X2= Percentage of the audience consisting of the 18-34 age group watching the program.

X3 = 1 If the program is on prime time.

0 If the program is not on prime time.

X4 = 1 If the program is a comedy program.

0 If the program is not a comedy program.

NOTE OF INTEREST: A Nielsen Rating of 1 would mean that 1,128,000 households were tuned in to that program in 2008. As an example: one of the television programs in the sample was “Desperate Housewives”. It had a Nielsen Rating of 3.2, it was shown in prime time, it was not a comedy program, 42% of the audience consisted of the 18-34 age group, and the cost of a 30 second Commercial was $210,000. For this program:

Y = 210

X1 = 3.2

X2= 42

X3 = 1

X4 = 0

The correlation matrix is:

Y X1 X2 X3 X4

Y 1

X1 0.715 1

X2 0.345 0.341 1

X3 0.561 0.403 0.316 1

X4 -0.232 0.127 -0.187 -0.225 1



The results on the regression of Y on X1, X2, X3 and X4 are as follows:

Variable

Regression Coefficient

Standard Error

Constant

15

2.53

X1

32

4.82

X2

1.10

0.35

X3

25

6.54

X4

10

7.79

SST = 1,125,000

SSE= 215,640

The results on the regression of Y on X1, X2, and X3 are as follows:

Variable

Regression Coefficient

Standard Error

Constant

20

2.10

X1

37

3.67

X2

1.20

0.32

X3

30

5.00

SST = 1,125,000

SSE= 224,516

The Nielsen Ratings for the 45 programs sampled varied from a low of 0.8 to a high of 15.6. Plots of the standardized residuals versus other variables appeared to be random for both of the above regressions.

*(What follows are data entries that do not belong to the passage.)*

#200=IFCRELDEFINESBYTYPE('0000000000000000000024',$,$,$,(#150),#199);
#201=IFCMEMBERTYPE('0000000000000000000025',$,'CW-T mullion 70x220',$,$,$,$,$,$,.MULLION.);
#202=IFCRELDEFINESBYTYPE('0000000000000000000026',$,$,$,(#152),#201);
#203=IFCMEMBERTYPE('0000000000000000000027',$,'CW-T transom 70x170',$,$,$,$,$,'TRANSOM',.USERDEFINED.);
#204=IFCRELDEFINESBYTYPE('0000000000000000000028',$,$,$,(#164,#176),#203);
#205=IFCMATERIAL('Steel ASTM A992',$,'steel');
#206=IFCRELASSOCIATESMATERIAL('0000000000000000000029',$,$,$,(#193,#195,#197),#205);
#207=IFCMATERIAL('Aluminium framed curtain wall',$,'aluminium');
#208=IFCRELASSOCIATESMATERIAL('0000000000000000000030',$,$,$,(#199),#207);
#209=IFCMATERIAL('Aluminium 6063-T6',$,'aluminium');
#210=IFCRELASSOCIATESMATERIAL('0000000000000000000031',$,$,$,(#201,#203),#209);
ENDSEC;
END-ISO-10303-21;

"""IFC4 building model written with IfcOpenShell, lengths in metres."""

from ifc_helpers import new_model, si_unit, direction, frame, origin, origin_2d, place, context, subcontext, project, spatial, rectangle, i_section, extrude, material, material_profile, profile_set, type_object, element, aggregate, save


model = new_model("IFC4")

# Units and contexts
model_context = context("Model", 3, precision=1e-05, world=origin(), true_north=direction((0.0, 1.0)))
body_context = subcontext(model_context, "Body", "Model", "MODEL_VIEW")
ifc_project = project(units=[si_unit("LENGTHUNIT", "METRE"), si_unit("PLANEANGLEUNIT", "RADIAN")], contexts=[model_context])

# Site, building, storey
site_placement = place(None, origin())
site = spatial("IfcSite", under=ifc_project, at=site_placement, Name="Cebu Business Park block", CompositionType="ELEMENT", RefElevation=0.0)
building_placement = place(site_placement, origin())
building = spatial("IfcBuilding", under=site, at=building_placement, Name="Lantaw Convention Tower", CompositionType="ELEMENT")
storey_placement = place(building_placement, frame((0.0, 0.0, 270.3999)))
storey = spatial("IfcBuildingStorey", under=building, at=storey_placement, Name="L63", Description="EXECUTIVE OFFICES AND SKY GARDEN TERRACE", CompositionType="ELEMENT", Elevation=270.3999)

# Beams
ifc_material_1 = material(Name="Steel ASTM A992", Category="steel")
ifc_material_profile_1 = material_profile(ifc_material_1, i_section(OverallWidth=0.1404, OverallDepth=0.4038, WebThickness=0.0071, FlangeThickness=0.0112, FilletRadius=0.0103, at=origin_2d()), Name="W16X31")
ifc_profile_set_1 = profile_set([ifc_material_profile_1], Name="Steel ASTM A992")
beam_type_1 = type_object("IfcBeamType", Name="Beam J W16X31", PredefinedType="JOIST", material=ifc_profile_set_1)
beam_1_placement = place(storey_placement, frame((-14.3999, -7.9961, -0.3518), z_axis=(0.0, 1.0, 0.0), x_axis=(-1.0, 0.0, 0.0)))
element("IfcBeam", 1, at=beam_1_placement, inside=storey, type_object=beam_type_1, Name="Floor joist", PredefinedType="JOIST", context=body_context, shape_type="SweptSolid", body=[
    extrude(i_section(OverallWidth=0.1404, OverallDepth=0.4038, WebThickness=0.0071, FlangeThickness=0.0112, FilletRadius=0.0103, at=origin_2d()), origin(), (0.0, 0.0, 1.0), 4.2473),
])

  1. Compute the percentage of variation in the commercial cost which is explained by the variation in the Nielsen Rating.

  1. Write down the analysis of variance table for the regression of Y on X1, X2, X3. and X4. Using it and any other information provided above, test for the statistical significance of the overall regression equation and determine which variables should be included and which variables should be deleted (if any). In your answer, state the null hypothesis and alternate hypothesis of all tests performed, compute the test statistics and explain how you arrive at your conclusions (use the attached statistical tables).

  1. For the regression model selected, compute the coefficient of determination and interpret this measure with respect to this application. Be specific in your interpretation.

  1. Obtain a 95% prediction interval for the cost of a 30 second commercial for the prime time comedy program “TWO AND A HALF MEN”. This program has a Nielsen rating of 5.9 and 80% of the audience is in the 18-34 age range.

  1. The non comedy television program, "NCIS", has a rating of 8.2 and 30% of the audience is in the 18-34 age range. The comedy television program "TWO AND A HALF MEN", has a rating of 5.9 and 80% of the audience is in the 18-34 age range. What is the estimated difference in the cost of a 30 second commercial for these two programs (both of these programs are shown during prime time).

  1. Estimate the 25th percentile of the cost of a 30 second commercial for a non comedy prime time program with a Nielsen Rating of 5.0 and with 60% of the audience in the 18-34 age range.

  1. Superbowl 42 was a championship football game played on February 3, 2008 between the New York Giants and the New England Patriots. It received a Nielsen Rating of 43.3. The cost of a 30 second commercial was $2,700,000. This data point was not one of the 45 programs in the sample. Superbowl 42 was a non comedy prime time program with 50% of the audience in the 18-34 age range.

    1. Estimate the cost of a 30 second commercial during Superbowl 42, using the appropriate linear regression model.

    1. Calculate the residual corresponding to this data point.

    1. This data qualifies as an outlier. Explain why.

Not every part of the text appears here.